Судя по тому, как вольно, спокойно сидит Ленечка, как все его бородатое лицо лучится счастьем и внутренним комфортом, а главное, — как счастливо сидится у него на руках малышке, — судя по всему этому, он давно уж забыл о фанере. А я не жалею, что так подробно изложила дорогое мое сердцу воспоминание. Хоть ваши дети узнают, каким был папа в школьные годы. И что не им одним достаются зануды–учителя.
…письма ваши греют меня вот уж несколько дней. Читаю и перечитываю, умиляюсь, горжусь, радуюсь: это ведь они, мои милые, не жалеют сил и времени (этот вечный дефицит совр. человека), чтобы как–то утешить, развлечь старую учительницу…

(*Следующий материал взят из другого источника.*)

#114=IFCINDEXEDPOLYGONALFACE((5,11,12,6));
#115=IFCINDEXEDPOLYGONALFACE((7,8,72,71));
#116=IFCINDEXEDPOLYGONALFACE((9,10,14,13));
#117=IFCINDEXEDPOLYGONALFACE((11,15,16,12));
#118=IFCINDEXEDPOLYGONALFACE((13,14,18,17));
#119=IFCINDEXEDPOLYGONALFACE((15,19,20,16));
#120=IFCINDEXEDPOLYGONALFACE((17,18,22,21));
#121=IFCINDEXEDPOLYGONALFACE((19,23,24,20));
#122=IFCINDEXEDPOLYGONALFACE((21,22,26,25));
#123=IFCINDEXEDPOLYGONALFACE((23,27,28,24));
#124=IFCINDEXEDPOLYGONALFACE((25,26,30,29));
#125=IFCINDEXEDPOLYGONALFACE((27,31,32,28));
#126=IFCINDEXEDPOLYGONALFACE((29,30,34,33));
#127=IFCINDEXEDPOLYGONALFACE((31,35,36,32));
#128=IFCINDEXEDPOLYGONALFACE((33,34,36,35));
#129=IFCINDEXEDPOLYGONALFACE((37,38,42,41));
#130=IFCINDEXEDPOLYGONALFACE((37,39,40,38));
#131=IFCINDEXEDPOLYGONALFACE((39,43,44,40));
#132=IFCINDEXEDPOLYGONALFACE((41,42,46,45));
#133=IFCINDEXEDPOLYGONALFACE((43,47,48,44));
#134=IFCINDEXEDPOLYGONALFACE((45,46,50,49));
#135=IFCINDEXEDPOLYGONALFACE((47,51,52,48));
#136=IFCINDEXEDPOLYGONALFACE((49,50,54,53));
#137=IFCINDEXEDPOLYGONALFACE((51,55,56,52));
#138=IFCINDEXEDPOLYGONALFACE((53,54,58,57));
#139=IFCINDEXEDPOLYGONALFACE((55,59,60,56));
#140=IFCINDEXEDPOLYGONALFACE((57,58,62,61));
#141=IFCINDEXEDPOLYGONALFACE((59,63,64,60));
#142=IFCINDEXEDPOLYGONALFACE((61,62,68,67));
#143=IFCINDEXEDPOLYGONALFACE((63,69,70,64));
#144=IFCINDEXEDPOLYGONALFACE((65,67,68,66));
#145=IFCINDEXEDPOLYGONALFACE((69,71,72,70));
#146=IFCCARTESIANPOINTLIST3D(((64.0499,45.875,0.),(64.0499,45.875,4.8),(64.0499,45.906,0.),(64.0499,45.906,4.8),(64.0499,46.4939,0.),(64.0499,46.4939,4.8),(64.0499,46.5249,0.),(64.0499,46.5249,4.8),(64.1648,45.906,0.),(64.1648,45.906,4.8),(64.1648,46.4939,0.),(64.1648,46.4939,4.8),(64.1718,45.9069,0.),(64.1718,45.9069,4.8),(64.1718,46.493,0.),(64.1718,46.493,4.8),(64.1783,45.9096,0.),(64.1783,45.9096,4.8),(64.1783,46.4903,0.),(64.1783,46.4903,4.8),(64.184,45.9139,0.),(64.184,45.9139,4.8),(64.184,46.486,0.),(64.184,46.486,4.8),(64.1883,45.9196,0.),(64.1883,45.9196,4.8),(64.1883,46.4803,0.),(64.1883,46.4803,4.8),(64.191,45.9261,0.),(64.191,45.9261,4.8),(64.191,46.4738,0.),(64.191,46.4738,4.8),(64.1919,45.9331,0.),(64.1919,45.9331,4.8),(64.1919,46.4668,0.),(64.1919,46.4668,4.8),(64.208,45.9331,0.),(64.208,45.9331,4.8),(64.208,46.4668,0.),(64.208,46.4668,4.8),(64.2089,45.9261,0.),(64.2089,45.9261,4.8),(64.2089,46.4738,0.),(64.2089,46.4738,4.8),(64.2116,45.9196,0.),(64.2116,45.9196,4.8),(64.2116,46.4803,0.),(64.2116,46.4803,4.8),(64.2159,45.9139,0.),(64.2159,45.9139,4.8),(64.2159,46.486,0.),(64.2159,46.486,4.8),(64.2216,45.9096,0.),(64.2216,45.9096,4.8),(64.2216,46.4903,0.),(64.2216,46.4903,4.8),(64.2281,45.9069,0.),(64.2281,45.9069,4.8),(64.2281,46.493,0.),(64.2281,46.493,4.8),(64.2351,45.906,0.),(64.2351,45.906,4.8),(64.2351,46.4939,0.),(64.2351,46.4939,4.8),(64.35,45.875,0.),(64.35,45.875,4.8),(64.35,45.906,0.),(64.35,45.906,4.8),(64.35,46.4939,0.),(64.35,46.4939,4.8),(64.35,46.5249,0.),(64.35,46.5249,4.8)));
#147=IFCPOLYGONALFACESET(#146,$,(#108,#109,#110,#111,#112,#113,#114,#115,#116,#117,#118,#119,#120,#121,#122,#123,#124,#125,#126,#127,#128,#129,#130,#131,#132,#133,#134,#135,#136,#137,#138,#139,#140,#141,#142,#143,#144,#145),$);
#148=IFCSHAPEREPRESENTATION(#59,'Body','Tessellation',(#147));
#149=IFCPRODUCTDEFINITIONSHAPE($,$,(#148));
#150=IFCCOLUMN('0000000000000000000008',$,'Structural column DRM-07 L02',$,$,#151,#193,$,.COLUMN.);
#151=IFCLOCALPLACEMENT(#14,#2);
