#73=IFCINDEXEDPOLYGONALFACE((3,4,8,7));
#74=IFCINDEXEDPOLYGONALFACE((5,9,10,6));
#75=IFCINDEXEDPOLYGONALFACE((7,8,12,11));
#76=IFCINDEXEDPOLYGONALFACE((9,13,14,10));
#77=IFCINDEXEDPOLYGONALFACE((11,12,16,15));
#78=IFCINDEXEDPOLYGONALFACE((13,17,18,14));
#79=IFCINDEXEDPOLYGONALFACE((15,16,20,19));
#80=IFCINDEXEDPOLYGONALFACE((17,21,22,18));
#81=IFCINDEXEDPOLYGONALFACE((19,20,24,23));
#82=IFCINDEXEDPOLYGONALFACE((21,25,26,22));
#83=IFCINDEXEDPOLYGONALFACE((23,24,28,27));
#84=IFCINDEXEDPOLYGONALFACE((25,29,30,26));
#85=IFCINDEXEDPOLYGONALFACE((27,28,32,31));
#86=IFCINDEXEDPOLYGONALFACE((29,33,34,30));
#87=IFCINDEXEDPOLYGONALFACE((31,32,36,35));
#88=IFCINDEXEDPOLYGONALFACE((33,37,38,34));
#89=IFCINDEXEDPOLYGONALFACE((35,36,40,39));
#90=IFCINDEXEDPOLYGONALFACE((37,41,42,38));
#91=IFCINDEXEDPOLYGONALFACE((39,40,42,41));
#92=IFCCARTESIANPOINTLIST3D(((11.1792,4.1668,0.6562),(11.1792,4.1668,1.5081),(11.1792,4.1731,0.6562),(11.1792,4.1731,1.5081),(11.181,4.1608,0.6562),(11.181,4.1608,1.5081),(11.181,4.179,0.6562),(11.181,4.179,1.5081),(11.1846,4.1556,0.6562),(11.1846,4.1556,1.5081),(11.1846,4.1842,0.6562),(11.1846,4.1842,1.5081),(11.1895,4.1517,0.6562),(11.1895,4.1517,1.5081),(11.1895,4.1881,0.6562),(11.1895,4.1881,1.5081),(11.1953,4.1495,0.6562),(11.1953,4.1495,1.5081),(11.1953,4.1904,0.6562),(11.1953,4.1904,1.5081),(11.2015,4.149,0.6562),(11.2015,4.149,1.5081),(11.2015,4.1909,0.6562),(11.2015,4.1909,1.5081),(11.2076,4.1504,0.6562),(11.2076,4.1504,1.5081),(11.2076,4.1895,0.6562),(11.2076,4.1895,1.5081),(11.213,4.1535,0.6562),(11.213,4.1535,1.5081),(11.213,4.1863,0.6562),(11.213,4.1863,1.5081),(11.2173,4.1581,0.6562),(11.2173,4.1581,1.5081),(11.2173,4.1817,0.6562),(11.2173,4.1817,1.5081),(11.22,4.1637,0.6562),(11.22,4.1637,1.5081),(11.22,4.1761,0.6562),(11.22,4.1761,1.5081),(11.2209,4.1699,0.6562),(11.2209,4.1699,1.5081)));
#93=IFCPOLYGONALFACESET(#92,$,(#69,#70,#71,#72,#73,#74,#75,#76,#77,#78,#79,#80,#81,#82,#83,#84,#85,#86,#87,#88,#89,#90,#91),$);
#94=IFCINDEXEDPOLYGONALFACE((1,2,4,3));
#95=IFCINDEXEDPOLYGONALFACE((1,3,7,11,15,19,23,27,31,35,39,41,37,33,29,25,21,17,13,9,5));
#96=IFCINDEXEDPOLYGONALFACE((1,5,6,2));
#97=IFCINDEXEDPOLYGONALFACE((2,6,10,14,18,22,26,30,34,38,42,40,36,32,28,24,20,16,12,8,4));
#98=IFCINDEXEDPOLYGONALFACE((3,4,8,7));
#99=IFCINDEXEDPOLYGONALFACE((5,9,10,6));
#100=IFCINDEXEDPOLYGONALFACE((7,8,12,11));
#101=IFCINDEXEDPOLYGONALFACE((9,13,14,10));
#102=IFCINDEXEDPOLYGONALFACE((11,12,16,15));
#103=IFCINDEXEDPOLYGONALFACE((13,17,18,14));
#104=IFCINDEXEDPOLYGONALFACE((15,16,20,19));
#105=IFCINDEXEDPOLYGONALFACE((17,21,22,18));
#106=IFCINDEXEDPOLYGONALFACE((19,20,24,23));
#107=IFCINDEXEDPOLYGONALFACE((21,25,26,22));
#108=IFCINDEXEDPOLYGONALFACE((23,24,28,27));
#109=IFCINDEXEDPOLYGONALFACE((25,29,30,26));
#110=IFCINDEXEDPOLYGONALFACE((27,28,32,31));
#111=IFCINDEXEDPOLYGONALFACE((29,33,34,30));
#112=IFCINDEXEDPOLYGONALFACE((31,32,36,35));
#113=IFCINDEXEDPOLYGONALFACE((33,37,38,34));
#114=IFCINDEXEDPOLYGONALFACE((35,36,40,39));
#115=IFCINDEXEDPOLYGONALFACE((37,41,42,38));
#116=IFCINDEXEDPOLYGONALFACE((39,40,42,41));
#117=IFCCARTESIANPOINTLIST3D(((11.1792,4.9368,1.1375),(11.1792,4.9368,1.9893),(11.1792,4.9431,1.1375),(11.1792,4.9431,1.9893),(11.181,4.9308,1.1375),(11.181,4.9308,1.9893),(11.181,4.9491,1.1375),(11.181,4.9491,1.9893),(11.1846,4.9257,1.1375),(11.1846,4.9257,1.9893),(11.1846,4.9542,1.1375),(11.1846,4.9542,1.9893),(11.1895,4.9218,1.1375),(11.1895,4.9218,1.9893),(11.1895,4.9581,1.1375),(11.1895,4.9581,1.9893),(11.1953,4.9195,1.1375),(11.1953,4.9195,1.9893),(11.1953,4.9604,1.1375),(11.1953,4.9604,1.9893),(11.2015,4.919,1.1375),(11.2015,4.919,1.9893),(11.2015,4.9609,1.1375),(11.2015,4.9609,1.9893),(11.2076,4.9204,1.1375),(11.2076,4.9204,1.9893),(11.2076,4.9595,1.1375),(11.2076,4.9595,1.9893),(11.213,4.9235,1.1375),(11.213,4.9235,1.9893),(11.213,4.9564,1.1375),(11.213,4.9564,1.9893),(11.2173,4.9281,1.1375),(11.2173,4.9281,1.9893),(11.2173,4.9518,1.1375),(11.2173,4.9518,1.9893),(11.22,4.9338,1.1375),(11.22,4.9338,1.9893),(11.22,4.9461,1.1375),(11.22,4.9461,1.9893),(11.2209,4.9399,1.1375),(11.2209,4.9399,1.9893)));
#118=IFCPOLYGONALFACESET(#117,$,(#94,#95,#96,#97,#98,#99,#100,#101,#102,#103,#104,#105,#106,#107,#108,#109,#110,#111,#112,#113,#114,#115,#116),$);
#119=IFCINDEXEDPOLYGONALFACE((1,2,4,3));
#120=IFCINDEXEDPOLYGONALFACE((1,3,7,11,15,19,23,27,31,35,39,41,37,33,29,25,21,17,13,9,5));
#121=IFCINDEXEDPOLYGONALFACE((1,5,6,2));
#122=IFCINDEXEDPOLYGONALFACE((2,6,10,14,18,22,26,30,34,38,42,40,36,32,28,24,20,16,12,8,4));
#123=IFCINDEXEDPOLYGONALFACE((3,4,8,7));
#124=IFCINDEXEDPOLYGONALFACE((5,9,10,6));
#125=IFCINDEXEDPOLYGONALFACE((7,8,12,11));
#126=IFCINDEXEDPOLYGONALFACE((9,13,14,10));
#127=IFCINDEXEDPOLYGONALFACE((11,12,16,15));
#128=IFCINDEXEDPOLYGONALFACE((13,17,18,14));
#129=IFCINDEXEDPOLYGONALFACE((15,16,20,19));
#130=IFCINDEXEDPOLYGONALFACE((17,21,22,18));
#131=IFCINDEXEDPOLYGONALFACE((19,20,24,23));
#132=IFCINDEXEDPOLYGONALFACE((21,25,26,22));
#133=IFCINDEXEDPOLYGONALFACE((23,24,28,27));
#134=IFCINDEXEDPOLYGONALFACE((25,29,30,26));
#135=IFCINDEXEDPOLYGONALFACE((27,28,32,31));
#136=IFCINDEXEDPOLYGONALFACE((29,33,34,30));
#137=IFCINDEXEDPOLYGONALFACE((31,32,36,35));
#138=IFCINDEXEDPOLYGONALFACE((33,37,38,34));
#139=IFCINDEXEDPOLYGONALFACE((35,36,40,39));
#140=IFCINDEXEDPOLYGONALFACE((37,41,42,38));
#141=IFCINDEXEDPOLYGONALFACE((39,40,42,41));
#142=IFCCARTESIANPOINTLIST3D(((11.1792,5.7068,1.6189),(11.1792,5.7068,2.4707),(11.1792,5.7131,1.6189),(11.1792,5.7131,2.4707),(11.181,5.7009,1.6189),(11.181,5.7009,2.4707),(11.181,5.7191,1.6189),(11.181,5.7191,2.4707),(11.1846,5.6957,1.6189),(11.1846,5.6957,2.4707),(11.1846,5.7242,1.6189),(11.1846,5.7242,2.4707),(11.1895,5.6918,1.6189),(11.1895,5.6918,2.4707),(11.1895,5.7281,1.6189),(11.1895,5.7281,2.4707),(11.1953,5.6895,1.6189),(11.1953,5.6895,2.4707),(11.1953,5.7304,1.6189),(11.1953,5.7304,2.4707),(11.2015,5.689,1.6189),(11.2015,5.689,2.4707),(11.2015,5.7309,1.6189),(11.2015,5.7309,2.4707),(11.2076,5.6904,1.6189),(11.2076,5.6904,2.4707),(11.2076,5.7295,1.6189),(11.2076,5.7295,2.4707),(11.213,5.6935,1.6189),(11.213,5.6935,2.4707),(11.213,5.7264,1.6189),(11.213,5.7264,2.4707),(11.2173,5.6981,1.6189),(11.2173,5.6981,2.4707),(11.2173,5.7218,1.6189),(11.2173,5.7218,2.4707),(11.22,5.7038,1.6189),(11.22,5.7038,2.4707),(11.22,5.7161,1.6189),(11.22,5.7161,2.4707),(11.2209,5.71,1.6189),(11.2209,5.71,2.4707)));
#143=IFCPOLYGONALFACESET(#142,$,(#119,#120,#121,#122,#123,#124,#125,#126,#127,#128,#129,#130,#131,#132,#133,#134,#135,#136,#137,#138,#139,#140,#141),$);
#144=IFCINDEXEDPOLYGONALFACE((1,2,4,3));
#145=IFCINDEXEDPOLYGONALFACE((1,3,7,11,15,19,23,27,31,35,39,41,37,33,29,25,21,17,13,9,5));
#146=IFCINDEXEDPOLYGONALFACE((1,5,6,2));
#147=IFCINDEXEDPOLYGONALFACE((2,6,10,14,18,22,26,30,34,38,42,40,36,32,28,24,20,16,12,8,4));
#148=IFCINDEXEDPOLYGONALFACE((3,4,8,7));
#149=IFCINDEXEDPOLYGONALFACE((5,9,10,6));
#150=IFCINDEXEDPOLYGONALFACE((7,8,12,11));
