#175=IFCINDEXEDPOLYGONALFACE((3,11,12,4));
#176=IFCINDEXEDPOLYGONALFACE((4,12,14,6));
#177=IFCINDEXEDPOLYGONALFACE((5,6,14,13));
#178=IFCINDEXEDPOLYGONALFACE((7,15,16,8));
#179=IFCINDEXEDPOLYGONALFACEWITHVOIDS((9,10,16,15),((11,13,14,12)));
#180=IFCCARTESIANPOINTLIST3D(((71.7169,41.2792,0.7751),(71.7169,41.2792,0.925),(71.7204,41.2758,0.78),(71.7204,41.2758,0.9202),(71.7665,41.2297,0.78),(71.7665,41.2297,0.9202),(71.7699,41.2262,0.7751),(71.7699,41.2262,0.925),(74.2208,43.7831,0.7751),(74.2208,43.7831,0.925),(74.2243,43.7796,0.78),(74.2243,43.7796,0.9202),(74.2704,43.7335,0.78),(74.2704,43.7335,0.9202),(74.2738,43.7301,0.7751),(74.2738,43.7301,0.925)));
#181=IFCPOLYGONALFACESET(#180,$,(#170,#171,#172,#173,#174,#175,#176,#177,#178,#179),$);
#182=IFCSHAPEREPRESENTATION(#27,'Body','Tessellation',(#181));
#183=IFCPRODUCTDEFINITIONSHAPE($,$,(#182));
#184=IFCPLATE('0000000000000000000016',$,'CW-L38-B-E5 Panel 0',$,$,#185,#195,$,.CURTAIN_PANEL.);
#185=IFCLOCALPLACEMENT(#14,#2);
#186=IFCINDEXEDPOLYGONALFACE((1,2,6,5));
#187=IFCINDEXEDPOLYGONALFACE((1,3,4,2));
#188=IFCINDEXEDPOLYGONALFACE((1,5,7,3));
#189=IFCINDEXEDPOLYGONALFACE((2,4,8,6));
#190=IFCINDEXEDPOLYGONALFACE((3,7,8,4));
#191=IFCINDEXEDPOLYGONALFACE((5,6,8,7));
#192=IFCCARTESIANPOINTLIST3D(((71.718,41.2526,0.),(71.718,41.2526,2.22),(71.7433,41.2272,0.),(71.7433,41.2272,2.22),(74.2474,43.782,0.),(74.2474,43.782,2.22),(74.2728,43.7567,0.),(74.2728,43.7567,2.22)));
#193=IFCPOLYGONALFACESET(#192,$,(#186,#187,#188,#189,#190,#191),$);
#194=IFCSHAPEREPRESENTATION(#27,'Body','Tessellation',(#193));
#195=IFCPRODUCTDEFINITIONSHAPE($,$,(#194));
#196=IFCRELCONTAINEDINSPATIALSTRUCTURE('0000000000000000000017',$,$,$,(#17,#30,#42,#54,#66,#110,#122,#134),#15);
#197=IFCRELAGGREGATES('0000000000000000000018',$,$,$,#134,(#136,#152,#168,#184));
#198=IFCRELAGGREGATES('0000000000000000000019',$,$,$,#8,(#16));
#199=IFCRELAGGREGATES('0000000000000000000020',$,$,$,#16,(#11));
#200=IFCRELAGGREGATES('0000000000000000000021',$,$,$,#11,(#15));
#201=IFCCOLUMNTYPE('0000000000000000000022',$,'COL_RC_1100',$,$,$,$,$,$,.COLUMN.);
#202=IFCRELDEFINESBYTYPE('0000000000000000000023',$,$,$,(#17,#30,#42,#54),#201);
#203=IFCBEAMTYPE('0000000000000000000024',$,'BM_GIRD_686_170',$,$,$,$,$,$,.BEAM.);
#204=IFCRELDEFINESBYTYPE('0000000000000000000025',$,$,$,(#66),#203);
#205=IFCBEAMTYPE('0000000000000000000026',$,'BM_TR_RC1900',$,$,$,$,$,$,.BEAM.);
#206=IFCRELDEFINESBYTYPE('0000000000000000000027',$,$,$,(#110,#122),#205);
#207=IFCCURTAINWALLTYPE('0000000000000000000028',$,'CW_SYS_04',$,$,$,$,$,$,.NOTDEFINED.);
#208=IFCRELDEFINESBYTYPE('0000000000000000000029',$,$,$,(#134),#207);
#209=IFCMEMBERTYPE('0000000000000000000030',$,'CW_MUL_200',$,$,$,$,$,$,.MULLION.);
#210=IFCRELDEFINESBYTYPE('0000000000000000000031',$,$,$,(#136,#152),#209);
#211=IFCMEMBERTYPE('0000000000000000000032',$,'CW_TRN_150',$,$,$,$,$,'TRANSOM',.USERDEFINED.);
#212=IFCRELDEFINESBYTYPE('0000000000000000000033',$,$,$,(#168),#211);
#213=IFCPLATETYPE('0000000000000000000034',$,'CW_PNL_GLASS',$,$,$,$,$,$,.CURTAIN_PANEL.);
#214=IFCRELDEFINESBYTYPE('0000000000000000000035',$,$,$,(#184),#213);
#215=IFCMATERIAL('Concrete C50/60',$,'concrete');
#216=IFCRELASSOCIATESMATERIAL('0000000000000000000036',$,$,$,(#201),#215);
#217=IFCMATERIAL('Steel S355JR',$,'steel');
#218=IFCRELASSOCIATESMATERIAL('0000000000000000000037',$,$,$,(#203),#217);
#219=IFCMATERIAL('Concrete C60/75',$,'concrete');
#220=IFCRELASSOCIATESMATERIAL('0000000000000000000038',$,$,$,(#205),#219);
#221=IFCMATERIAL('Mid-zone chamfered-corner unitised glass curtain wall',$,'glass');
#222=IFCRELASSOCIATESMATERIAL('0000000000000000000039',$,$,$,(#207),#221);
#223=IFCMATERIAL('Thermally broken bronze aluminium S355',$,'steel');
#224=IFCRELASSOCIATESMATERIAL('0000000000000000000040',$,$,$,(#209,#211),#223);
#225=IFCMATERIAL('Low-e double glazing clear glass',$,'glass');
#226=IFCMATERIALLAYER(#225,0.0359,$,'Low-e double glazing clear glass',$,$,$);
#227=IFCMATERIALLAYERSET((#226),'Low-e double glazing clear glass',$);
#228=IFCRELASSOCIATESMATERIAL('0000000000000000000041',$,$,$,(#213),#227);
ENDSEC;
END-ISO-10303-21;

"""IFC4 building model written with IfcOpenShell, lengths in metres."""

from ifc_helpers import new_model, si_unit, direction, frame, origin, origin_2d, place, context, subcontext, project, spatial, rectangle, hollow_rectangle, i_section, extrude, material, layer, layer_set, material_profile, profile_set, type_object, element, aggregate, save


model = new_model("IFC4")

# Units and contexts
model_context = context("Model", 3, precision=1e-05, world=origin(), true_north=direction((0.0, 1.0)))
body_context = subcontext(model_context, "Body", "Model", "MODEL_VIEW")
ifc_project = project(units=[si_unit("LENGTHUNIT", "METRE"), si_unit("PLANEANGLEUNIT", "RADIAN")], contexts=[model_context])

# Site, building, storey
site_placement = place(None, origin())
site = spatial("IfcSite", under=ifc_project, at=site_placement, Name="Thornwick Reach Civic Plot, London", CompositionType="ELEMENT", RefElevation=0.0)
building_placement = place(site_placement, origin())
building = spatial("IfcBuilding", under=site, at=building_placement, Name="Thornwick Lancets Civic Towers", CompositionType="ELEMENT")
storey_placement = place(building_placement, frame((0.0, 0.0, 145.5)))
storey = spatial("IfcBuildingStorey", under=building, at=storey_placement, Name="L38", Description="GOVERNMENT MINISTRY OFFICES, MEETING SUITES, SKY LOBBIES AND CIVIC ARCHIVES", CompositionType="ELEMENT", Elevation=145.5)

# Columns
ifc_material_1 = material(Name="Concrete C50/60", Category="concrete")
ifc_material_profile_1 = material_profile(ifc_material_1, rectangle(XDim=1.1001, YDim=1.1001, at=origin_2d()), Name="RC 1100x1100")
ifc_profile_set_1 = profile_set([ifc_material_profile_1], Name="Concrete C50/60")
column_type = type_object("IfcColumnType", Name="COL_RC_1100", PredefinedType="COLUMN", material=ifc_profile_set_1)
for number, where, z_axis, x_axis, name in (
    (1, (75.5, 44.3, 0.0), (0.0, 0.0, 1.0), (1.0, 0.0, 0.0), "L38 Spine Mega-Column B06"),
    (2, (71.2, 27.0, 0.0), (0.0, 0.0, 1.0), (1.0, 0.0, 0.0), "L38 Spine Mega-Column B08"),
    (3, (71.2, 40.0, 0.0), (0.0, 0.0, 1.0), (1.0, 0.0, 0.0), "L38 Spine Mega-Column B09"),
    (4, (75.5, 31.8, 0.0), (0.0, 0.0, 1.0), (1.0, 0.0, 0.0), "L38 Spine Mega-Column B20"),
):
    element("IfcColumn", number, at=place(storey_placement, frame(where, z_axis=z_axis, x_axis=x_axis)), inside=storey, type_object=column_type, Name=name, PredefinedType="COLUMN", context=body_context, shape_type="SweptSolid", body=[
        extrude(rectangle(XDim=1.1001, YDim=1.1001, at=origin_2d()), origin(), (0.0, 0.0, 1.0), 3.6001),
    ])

…Открытая ты душа, Иринка — и спасибо тебе за доброту, внимание, память, желание утешить, просто потрепаться — это чудесно! Не удержусь, вспомню Решетова, ибо все равно лучше не скажешь, и, кроме того, он один только подметил счастье, дарованное человеку:
И любо им пожить, как людям,
О том, что на сердце, сказать,
Заплакать, если больно будет…
Смеяться… В рамки не влезать…
Это про тебя: тебе больше всех откололось от этого общечеловеческого счастья. А вот про меня (Левитанский Ю.):
Сейчас я шагну обреченно.
Раздвинув кулисы рукой.
Но я не играл этой роли
И пьесы не знаю такой!
Я все еще медлю и медлю,
Но круглый безжалостный свет
Ко мне подступает все ближе —
И мне уже выхода нет…
Вернее, это про всех нас, стариков–репатриантов. Топчемся на чужой сцене, кто делает вид, что знает эту роль, кто бормочет свою старую роль (большинство), кто прижался в уголку, и рад бы от стыда закрыть лицо руками, и молчит, и стоит, всем на смех, как столб… (я). Живут по 20 лет, по 2–3—5, а все говорят только по–русски, читают и чтут русскую литературу (кто Куприна — «Было полное собрание сочинений…» — кто Толстого, все хором Островского — «Бесприданница» с Алисовой и Ливановым — чудо!»). Смотрят только кабельное телевидение 1‑ю и 2‑ю программы, знают все последние московские сплетни, и проч., и проч. Даже те, кто с 70‑х годов, знают лишь счет и 5–6 фраз для магазинного обихода. Я даже не пытаюсь идти дальше двух слов Шалом и Шук (базар). И те произношу, наверное, так, как молоденькая жена–немочка, привезенная в дикую Сибирь в петровские времена, произносила единственное русское слово: «чи!» (щи). Скажет — и первая засмеется, чтобы семья не засмеяла ее уж в усмерть: русский народ шибко бережет чистоту речи. (Это где–то то ли у М. — Сибиряка, то ли — не помню, Ириночка)…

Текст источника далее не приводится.